Aquel terremoto había sido devastador. El feroz movimiento sísmico, responsable de varios miles de muertos y grandes pérdidas materiales tenía aterrorizada a la población. El país estaba en estado de emergencia.
Heridos, inválidos y desvalidos llenaban una lista interminable que se incrementaba cada hora; se necesitaría tiempo para retornar a la normalidad y si bien es cierto que no había sido la primera vez, pues su riesgo era permanente por estar cerca de una importante falla geológica; el Centro de Control de Sismos seguía los acontecimientos alarmado por la intensidad del fenómeno y las réplicas que aumentaban la zozobra.
Avanzada la tarde, el cielo estaba gris y espesas nubes entristecían el ambiente.
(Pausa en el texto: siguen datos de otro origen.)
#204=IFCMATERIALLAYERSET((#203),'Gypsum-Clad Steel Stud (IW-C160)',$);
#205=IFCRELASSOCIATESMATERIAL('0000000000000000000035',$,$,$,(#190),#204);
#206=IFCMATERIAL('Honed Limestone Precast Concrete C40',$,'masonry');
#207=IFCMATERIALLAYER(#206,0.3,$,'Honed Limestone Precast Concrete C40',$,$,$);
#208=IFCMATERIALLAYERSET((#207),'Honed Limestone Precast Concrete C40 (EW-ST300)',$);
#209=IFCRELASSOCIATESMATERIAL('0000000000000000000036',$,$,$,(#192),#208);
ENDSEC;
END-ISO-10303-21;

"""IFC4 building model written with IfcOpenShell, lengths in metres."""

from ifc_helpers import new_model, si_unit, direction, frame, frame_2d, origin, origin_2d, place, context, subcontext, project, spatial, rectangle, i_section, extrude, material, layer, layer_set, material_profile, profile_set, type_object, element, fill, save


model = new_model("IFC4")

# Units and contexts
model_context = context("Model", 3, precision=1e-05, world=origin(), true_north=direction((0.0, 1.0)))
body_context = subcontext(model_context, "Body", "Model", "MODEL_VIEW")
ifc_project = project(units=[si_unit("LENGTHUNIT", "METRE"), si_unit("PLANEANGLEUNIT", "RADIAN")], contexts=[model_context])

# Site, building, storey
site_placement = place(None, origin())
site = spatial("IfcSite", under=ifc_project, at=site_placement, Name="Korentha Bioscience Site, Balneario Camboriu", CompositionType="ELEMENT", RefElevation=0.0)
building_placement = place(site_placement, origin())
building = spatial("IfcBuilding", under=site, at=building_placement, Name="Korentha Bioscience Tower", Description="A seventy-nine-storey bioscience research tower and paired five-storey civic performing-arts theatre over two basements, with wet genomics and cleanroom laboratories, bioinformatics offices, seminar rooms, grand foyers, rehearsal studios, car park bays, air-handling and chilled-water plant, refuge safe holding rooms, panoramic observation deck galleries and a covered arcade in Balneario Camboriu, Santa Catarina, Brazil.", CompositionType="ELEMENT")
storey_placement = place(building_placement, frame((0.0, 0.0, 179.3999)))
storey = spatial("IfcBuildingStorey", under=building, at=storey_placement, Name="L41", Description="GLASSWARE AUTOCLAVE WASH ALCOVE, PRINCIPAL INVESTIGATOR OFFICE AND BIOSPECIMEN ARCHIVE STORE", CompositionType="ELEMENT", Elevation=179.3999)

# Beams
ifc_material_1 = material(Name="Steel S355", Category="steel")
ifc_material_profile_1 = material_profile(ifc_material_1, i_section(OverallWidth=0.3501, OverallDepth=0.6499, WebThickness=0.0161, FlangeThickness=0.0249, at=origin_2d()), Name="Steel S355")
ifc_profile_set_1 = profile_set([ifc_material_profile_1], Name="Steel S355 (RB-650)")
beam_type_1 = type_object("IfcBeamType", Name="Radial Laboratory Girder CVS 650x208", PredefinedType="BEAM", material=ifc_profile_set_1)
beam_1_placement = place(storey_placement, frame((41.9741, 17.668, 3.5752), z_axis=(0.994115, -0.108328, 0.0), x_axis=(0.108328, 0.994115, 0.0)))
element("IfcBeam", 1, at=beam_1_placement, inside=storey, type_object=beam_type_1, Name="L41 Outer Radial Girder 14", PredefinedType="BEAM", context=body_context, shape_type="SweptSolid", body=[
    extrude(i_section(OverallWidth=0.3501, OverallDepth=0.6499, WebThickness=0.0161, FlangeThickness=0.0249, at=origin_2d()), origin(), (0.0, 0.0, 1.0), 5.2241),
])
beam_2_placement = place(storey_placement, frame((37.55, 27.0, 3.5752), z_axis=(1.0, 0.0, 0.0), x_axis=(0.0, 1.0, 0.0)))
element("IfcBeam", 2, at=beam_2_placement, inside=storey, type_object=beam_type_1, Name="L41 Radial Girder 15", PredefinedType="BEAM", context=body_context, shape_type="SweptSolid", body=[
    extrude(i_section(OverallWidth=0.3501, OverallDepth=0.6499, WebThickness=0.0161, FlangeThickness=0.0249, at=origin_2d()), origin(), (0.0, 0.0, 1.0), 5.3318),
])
Polvo, sirenas, humo, llantos y caras tristes en medio del desconcierto, parecían entonar un canto lúgubre por tan cruel castigo mientras la noche caía envuelta por una pertinaz lluvia que hacía más hiriente al frío.
4 de agosto…
Aquel día no había alcanzado a darme cuenta de qué estaba pasando, pero un grito a mis espaldas me hizo dirigir la mirada a escasos metros y en mi confusión, pude ver que dos inmensas macetas decorativas de una casa habían cedido para caer y hacerse añicos. Me asusté mucho y comencé a tartamudear mientras mi madre se inclinaba para abrazarme.
– Está temblando, hijo. No tengas miedo, pronto pasará.
Sin embargo, el ruido continuaba y pude notar que el suelo se movía en ondas perceptibles. Nunca había sido testigo de algo así y la cara de mi madre, de angustia, me asustó aún más y rompí a llorar. Me sentía indefenso y mi único consuelo fue pensar en papá.
Desde ese día, había transcurrido cerca de treinta años.
La voz del chofer que gritaba:
– ¡Terremoto! ¡Es un terremoto! – y sentir que era lanzado hacia adelante, me hizo volver a la realidad.